Election forensics
Election forensics are methods used to determine if election results are statistically normal or statistically abnormal, which can indicate electoral fraud. It uses statistical tools to determine if observed election results differ from normally occurring patterns. These tools can be relatively simple, such as looking at the frequency of integers and using 2nd Digit Benford's law, or can be more complex and involve machine learning techniques.
Method
Election forensics can use various approaches. Methods include :- Testing for correlation between vote share of a party and turnout.
- Checking whether votes received for candidates, obey Benford's law.
- Checking for disproportionate presence of 0s in precinct vote totals, or of rounded numbers in vote shares.
- Deviation from statistical laws observed in election data.
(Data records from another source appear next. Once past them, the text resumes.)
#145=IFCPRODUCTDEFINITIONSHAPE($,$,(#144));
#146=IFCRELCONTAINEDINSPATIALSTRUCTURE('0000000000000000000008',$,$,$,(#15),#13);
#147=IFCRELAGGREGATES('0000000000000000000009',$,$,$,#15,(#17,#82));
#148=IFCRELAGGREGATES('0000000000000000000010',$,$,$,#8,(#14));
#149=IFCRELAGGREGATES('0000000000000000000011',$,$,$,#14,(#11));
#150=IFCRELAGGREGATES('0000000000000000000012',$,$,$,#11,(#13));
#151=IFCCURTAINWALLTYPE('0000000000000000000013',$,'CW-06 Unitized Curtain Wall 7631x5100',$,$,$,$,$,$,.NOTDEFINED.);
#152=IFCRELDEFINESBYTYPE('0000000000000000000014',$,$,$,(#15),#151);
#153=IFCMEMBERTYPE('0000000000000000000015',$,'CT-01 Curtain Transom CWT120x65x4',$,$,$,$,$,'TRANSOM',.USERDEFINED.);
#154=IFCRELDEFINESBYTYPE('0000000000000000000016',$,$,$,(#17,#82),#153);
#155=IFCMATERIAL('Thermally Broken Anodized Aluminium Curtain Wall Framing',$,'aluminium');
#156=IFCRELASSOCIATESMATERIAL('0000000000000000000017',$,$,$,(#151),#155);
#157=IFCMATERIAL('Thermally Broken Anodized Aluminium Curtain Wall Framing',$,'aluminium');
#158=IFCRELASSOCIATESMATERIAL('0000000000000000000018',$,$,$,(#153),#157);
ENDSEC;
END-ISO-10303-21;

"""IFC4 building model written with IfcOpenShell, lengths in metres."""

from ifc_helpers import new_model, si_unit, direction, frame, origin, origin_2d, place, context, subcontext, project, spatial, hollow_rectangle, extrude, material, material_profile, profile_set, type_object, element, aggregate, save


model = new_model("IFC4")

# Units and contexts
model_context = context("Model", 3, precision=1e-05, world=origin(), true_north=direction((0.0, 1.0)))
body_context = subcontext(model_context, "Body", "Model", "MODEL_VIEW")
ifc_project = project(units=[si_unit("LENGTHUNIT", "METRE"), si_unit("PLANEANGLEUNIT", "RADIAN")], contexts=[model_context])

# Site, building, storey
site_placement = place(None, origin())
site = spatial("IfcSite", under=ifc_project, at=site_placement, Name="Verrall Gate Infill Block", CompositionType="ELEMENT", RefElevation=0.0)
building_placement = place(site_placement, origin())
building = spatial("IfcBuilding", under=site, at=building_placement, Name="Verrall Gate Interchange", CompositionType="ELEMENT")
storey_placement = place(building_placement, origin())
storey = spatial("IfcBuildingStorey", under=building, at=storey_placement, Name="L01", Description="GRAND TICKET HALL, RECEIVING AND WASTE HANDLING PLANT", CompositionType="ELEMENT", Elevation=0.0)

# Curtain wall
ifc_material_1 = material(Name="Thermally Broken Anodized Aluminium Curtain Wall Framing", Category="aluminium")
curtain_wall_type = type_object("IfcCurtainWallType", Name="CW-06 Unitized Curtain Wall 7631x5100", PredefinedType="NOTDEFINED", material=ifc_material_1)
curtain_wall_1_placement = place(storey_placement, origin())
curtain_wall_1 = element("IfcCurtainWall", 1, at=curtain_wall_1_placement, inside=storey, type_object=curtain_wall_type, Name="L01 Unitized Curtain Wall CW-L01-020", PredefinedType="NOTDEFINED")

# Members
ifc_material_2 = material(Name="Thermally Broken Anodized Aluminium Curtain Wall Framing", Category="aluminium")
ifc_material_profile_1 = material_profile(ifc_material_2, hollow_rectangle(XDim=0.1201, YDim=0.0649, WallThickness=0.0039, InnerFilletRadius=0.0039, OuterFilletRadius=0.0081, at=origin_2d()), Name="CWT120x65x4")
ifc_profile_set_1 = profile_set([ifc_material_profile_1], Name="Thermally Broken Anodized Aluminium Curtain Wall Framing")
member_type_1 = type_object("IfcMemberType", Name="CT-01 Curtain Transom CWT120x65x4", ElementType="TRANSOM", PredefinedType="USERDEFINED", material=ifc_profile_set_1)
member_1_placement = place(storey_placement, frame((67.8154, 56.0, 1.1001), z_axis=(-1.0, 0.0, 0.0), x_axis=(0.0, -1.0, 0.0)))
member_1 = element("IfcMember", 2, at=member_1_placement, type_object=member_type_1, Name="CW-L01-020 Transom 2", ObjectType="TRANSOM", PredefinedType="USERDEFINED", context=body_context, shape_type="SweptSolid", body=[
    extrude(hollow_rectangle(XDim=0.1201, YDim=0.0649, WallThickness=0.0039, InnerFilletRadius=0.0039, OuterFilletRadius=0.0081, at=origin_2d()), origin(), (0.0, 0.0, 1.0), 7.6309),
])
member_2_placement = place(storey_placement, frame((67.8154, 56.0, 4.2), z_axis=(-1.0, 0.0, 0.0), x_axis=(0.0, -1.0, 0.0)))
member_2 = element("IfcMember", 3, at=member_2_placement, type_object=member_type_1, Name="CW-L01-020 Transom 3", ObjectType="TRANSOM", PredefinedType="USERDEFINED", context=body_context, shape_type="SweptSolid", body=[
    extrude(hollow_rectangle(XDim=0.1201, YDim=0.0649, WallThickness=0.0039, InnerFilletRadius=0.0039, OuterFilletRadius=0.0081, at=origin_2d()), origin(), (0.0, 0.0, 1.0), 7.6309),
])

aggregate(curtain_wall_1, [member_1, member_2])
- Using machine learning algorithms to detect anomalies.
Application
Election forensics tools have been used to conclude, with high probability, that vote counts have been manipulated in official elections in Russia, Ukraine, Egypt, and USA.
Compared to other methods
Relative to other methods of monitoring election security, such as in-person monitoring of polling places and parallel vote tabulation, election forensics has advantages and disadvantages. Election forensics is considered advantageous in that data is objective, rather than subject to interpretation. It also allows votes from all contests and localities to be systematically analyzed, with statistical conclusions about the likelihood of fraud. Disadvantages of election forensics include its inability to actually detect fraud, just data anomalies that may or may not be indicative of such. Election forensics expert Walter Mebane has noted that various election forensics methods might actually flag non-fraudulent behaviour like tactical voting as fraud. Further some experts believe that 2BL and other methods are useless for analyzing elections.This can be addressed by combining election forensics with in-person monitoring. Another disadvantage is its complexity, requiring advanced knowledge of statistics and significant computing power. Additionally, the best results require a high level of detail, ideally comprehensive data from the polling place regarding voter turnout, vote counts for all issues and candidates, and valid ballots. Broad, national-level summaries have limited utility.